A letter from America part I – how did we get here?
However, in the current situation, where fundamentals seem to matter less and broad fear of “Trumpian Chaos” hangs over the market like a Damoclean put option, we felt our time was better spent engaging with Washington insiders and with those best placed to inculcate us with current investor sentiment across various capital pools (sub-sectors, VC. PE, equity, credit etc.)
Over the coming days, we attempt to summarise the various opinions that we have heard into a cohesive narrative. This is a situation where one must try to leave personal views and political opinions to one side and accept that ‘we are where we are’. Key to this is to understand the constituencies involved in policy making, and the limits of Presidential power via Executive Order versus legislative action through an admittedly supine-looking Congress.
One of the interesting aspects of this whole endeavour is that many of the people we have listened to and spoken with over this week were at some pains not to criticise directly what appears from our shores to be an prickly and vengeful-sounding executive branch, so will not be attributed, especially those of people close to the administration who are lobbying to mitigate the worst urges of certain individuals. As one wryly said “we all need to accept this is Trump’s world for the time being, and we have to live in it”.
The positive news for healthcare investors here is that the world’s largest ($400m per year) lobbying effort is in full swing, and understands how to play to the audience by crafting whatever narrative they need to put forward in the right light. The other positive development is that the consequences of all of this are not lost on Congressional members who will be facing their electorate in two years (or four at most) and will be held accountable if the outcomes are viewed negatively.
Let us begin though by summarising their perspective on this administration’s world view:
The world view
The simplistic view is that America is getting ripped off by everyone. Its exceptionalism has driven innovation in almost every field, it polices the world but everyone is freeloading on the back of this, creating an unfair playing field for commerce and outsourcing their intelligence, security and defence to America on the cheap. This is unfair and has to stop.
Worse, China has gamed everything since it joined the WTO and is either already at or only a few years from reaching a hegemony position in a number of fields (solar power, battery electric vehicles, critical minerals) and is rapidly catching up in AI and Biotechnology (this fascinating topic will be the subject of a separate letter). This simply cannot be allowed to continue.
In part, China has been able to move quickly through government direction. In contrast, America has been saddled with an oversized, “left leaning” and sclerotic bureaucracy that is stifling innovation and growth through too many rules. This must be brought to heal to unleash the animal spirits that will allow America to regain its rightful place atop the world.

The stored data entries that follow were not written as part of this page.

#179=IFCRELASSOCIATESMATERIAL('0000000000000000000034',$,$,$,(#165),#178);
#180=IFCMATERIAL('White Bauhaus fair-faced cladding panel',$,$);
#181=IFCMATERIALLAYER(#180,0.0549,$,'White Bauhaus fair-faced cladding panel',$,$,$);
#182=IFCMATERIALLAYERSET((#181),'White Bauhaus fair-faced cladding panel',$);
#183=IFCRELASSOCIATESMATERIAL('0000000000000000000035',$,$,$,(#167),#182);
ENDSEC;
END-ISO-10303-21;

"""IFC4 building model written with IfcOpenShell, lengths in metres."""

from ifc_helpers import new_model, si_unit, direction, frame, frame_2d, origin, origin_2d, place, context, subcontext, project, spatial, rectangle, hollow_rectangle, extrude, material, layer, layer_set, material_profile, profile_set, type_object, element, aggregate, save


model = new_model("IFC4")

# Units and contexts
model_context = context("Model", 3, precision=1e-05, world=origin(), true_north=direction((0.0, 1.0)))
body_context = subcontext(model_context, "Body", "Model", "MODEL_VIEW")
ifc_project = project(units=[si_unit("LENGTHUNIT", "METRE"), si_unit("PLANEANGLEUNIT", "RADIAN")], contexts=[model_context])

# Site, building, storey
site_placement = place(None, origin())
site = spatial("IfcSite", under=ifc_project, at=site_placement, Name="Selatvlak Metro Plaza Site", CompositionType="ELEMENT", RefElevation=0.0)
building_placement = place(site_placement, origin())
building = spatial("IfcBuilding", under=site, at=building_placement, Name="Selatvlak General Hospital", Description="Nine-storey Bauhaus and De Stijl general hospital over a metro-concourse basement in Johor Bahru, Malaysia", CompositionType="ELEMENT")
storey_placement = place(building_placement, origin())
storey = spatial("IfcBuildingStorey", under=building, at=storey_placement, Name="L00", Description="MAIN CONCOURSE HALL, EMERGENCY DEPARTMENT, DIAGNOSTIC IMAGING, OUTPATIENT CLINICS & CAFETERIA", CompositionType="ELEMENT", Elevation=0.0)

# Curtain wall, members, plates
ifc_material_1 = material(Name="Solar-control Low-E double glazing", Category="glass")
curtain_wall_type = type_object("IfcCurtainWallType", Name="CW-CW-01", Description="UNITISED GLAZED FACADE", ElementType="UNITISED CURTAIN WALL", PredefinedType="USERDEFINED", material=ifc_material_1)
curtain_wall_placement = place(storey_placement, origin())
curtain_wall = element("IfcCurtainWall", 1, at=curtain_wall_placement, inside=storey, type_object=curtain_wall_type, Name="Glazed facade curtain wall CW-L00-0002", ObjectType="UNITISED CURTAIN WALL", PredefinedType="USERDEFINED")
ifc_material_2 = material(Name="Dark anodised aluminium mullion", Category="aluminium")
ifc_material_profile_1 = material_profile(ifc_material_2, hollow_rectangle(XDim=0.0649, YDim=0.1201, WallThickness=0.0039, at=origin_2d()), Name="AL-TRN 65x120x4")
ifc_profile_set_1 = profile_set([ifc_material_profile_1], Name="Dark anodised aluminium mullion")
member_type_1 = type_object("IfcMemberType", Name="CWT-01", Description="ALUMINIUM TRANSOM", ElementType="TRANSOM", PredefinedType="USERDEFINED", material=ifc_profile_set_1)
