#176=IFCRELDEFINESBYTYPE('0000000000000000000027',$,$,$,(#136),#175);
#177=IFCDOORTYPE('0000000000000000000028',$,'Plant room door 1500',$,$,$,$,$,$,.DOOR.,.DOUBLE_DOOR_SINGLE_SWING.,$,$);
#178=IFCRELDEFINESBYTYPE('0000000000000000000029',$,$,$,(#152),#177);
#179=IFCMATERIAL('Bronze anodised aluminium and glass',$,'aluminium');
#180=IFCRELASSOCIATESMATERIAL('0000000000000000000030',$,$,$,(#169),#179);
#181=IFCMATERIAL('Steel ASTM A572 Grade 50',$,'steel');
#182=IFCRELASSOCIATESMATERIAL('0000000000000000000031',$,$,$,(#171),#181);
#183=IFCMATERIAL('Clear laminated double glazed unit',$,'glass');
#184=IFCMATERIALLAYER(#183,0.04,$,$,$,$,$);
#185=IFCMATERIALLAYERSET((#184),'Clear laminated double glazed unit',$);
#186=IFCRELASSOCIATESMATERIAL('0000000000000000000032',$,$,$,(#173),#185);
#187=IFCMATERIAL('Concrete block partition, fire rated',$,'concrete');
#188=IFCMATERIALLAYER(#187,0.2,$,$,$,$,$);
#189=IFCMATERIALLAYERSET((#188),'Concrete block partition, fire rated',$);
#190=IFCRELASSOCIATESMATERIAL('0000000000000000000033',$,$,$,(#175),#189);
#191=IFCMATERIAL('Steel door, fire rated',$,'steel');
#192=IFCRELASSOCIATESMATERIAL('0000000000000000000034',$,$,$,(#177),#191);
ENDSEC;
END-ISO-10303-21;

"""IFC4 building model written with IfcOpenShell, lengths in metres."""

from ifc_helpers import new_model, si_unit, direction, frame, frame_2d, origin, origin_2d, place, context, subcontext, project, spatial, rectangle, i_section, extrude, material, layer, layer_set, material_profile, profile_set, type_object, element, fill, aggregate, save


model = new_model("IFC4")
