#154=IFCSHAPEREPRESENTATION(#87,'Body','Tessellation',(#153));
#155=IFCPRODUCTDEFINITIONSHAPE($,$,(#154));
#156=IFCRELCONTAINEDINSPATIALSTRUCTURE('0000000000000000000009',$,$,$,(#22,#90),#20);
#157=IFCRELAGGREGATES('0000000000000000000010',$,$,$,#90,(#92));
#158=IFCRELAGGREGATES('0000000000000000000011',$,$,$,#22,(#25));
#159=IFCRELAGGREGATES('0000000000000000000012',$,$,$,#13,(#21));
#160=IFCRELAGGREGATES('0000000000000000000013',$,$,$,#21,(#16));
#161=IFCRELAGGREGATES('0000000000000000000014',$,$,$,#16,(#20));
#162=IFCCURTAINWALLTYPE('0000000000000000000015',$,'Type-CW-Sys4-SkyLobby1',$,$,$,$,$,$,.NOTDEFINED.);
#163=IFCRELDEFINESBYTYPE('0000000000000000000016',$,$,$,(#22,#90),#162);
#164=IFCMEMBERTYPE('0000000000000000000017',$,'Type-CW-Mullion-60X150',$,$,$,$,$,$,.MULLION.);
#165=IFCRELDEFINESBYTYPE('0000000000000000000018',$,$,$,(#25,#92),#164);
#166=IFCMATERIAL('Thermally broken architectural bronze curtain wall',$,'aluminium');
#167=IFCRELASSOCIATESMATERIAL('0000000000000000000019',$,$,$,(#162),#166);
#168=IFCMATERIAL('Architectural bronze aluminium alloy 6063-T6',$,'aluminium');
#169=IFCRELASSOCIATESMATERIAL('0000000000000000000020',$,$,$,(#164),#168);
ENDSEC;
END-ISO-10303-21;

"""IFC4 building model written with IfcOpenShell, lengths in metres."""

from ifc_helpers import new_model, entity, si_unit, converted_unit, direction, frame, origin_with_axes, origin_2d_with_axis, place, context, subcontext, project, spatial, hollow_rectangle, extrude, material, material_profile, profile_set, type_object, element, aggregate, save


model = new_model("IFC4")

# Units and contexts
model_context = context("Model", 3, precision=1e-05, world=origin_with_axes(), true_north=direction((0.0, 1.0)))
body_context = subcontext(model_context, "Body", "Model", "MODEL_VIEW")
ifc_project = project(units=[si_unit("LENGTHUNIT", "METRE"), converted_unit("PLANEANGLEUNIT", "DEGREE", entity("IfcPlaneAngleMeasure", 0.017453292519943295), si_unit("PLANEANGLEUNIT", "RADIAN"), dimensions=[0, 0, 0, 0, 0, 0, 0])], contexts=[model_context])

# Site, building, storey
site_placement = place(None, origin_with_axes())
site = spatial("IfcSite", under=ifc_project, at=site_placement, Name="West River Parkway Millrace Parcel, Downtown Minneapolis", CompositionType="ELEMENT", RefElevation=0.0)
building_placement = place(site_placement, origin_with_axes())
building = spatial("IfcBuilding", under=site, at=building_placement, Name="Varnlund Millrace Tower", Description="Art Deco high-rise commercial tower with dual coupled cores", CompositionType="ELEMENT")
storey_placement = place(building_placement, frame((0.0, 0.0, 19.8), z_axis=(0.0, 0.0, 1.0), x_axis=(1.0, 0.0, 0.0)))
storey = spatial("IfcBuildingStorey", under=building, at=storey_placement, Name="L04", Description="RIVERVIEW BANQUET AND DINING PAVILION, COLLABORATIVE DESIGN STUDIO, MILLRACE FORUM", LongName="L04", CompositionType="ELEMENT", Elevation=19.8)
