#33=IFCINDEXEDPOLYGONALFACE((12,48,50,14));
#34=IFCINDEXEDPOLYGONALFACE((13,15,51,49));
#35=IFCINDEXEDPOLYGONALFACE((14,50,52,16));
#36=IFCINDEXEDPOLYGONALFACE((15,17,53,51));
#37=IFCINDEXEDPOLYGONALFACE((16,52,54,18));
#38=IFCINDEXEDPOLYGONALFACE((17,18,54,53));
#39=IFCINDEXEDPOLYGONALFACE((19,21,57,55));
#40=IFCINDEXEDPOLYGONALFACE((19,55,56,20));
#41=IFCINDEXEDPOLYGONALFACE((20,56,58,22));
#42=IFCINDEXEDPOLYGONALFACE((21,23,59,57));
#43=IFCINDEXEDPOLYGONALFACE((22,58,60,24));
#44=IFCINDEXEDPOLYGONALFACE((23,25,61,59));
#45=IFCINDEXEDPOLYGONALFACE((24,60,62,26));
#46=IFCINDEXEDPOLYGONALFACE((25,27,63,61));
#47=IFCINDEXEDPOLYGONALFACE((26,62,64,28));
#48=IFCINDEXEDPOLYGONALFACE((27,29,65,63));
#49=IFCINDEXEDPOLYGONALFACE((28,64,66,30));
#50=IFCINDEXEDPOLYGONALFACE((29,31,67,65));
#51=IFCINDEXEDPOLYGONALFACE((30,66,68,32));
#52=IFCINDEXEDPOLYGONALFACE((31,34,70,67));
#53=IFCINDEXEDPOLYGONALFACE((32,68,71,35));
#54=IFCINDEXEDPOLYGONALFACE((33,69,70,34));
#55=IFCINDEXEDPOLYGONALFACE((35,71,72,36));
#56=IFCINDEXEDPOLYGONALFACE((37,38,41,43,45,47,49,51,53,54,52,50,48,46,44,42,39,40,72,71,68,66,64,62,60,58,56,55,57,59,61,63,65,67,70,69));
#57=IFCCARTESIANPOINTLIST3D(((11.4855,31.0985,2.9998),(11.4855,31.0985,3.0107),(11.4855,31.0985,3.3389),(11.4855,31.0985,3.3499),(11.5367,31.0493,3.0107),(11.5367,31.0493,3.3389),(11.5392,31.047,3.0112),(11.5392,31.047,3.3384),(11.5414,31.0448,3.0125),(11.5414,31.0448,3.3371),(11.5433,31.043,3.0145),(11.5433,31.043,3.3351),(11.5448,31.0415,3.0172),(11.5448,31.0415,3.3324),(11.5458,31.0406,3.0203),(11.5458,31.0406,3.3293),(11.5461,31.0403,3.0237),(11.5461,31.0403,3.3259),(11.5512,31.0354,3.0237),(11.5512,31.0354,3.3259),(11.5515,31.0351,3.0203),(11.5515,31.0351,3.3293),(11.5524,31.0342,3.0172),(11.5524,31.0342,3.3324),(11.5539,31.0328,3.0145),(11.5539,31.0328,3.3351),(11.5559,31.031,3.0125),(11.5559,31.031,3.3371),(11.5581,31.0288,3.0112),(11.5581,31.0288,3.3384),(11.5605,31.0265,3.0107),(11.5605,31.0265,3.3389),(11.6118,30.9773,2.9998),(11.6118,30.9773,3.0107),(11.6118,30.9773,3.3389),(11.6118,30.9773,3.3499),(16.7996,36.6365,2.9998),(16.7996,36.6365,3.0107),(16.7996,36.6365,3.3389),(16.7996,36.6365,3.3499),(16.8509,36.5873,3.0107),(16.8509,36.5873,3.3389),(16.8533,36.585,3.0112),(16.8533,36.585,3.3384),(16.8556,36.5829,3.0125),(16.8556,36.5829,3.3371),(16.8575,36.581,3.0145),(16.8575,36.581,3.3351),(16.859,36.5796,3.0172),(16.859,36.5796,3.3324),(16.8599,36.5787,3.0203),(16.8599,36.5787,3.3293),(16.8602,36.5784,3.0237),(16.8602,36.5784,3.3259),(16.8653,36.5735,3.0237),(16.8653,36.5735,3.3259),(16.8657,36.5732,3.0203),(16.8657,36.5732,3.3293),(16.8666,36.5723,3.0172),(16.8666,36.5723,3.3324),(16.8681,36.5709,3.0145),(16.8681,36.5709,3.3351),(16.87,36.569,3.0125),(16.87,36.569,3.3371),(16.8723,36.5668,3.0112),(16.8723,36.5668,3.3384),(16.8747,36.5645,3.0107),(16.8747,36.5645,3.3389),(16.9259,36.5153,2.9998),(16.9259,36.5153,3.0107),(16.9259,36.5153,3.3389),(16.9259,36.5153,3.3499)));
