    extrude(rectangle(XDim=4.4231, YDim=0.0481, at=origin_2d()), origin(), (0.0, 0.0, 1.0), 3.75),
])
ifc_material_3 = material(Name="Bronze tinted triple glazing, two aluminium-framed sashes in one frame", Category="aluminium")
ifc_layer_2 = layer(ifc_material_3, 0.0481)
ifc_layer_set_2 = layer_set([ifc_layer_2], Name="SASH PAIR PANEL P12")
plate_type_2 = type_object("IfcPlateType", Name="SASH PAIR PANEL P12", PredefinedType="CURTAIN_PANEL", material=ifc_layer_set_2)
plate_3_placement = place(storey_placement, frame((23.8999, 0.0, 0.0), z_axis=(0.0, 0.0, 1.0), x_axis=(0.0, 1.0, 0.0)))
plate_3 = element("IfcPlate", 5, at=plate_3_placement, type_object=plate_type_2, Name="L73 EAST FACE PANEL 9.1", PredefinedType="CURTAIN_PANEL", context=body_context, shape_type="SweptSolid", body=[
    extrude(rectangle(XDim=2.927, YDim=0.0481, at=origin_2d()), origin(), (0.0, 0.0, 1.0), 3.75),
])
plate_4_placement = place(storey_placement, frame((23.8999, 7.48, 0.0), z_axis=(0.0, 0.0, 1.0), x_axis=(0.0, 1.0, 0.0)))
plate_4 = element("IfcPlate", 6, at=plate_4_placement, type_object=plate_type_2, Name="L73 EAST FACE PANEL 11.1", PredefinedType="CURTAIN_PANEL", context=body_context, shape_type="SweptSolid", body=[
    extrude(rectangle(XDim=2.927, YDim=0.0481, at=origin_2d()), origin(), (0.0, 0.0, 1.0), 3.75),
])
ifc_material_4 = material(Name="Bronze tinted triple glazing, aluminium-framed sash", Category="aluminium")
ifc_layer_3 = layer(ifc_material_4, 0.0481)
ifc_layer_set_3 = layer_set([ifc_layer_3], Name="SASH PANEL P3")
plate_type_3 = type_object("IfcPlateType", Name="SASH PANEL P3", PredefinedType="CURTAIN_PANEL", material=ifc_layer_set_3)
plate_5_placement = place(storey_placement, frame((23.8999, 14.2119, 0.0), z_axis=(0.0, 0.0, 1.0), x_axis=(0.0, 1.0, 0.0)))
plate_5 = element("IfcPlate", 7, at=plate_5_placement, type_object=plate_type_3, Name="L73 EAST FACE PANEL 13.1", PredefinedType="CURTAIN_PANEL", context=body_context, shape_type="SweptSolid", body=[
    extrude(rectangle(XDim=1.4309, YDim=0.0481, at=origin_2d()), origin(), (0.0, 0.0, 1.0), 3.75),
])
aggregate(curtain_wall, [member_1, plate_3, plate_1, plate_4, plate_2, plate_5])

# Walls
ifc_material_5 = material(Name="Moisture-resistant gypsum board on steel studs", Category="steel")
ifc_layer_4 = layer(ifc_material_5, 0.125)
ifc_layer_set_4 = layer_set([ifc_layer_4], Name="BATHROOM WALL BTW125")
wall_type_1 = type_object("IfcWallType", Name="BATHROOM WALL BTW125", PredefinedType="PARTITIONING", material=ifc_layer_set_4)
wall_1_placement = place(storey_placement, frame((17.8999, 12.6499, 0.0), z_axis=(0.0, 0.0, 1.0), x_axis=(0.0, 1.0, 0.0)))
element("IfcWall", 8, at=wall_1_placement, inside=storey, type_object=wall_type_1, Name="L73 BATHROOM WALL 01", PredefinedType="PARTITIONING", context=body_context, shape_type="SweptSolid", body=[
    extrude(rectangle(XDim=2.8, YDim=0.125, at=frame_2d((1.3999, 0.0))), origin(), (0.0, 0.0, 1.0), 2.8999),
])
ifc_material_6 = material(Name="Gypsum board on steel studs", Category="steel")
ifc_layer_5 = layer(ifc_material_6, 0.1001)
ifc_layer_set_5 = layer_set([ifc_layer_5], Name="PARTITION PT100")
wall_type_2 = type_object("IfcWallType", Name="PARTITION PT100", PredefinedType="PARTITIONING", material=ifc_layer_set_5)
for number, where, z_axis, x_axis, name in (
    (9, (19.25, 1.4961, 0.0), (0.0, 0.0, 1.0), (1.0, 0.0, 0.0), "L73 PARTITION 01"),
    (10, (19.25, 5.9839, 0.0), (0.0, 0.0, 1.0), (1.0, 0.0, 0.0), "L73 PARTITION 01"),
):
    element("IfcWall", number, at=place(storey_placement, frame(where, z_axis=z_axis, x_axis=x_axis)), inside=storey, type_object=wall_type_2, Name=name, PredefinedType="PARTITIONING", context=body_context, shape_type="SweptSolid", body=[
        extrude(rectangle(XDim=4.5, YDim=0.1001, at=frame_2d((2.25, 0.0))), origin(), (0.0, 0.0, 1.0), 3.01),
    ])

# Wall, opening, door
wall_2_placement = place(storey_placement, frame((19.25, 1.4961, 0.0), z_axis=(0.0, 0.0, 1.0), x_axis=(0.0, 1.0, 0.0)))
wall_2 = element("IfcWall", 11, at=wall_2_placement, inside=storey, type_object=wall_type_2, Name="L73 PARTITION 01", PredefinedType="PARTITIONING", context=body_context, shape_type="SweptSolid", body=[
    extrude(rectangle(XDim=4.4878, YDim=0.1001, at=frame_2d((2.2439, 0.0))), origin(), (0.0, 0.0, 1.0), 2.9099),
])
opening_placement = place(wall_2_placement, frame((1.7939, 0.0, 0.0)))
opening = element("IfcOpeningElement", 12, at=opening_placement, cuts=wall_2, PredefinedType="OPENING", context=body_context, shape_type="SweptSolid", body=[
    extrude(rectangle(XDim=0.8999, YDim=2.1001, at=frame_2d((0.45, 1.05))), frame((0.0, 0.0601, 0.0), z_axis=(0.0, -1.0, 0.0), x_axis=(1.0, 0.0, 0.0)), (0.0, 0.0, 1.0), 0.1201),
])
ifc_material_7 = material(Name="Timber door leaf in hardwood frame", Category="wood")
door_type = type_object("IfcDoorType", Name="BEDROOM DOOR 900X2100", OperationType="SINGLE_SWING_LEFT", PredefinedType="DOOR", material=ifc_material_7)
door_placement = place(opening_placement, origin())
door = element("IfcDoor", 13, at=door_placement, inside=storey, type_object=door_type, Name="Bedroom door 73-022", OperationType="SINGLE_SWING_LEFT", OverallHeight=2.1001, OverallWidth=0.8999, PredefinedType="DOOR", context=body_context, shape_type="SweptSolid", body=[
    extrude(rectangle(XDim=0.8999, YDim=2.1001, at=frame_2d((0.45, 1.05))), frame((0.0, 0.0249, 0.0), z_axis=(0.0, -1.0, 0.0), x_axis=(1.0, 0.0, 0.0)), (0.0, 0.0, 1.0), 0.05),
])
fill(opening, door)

Any ideas to achieve this are ‘on the table’ and, since everyone is guilty of ripping off the USA to some extent, old allegiances are not viewed from their side in the same way as they are from the other side. Things like the EU blocking US M&A, or US-headquartered multi-national companies operating in a certain way in order to ensure global operations are in compliance with a far-away “unaccountable” legislative bodies (UN, WTO, Basel, EU etc.) are significant sources of ire.
Seeing funding being trimmed at the NIH and talk of cuts at the FDA etc. might lead one to think this administration is anti-innovation and harks back to some imagined golden age. However, many people we spoke to were keen to stress the opposite is the case. They want more innovation and believe that the best way to support this is through less regulation.
The government is too far behind the commercial realm in its adoption of technology to drive productivity and Trump wants to see America winning in Tech broadly, AI specifically, Pharma/Biotech, Aerospace, Automotive etc. They are also keen on public hearings and data sharing (on everything, from vaccine safety to UFOs!) to ensure that the wider public feels that it has a stake in the changes being implemented rather than being patronised from afar by a “liberal elite” (or even a cabal of self-interested billionaires?).
The ‘out of control’ bureaucracy has allowed an unsustainable deficit to balloon to a point where rolling over and funding America’s debt is an existential threat in and of itself, and the country must find its way back to a sustainable financial position. However, this cannot be achieved through penalising American companies and citizens with higher taxes. Spending must be cut and the freeloaders must be made to pay in some way, hence the repeated usage of punitive tariff threats to secure incremental gains. This seems unlikely to stop.
Cutting spending isn’t an easy needle to thread when debt interest is not in your control, defence spending is unlikely to fall in such an uncertain world and the largest entitlement programs directly impact your core voter base.
Therefore, if you are lobbying the administration (either as a foreign potentate, or for a given special interest group domestically), you need to frame your arguments within the prism of this narrative, otherwise you are not going to get anywhere. If you can construct an argument that fits within it though, you will find a very receptive audience.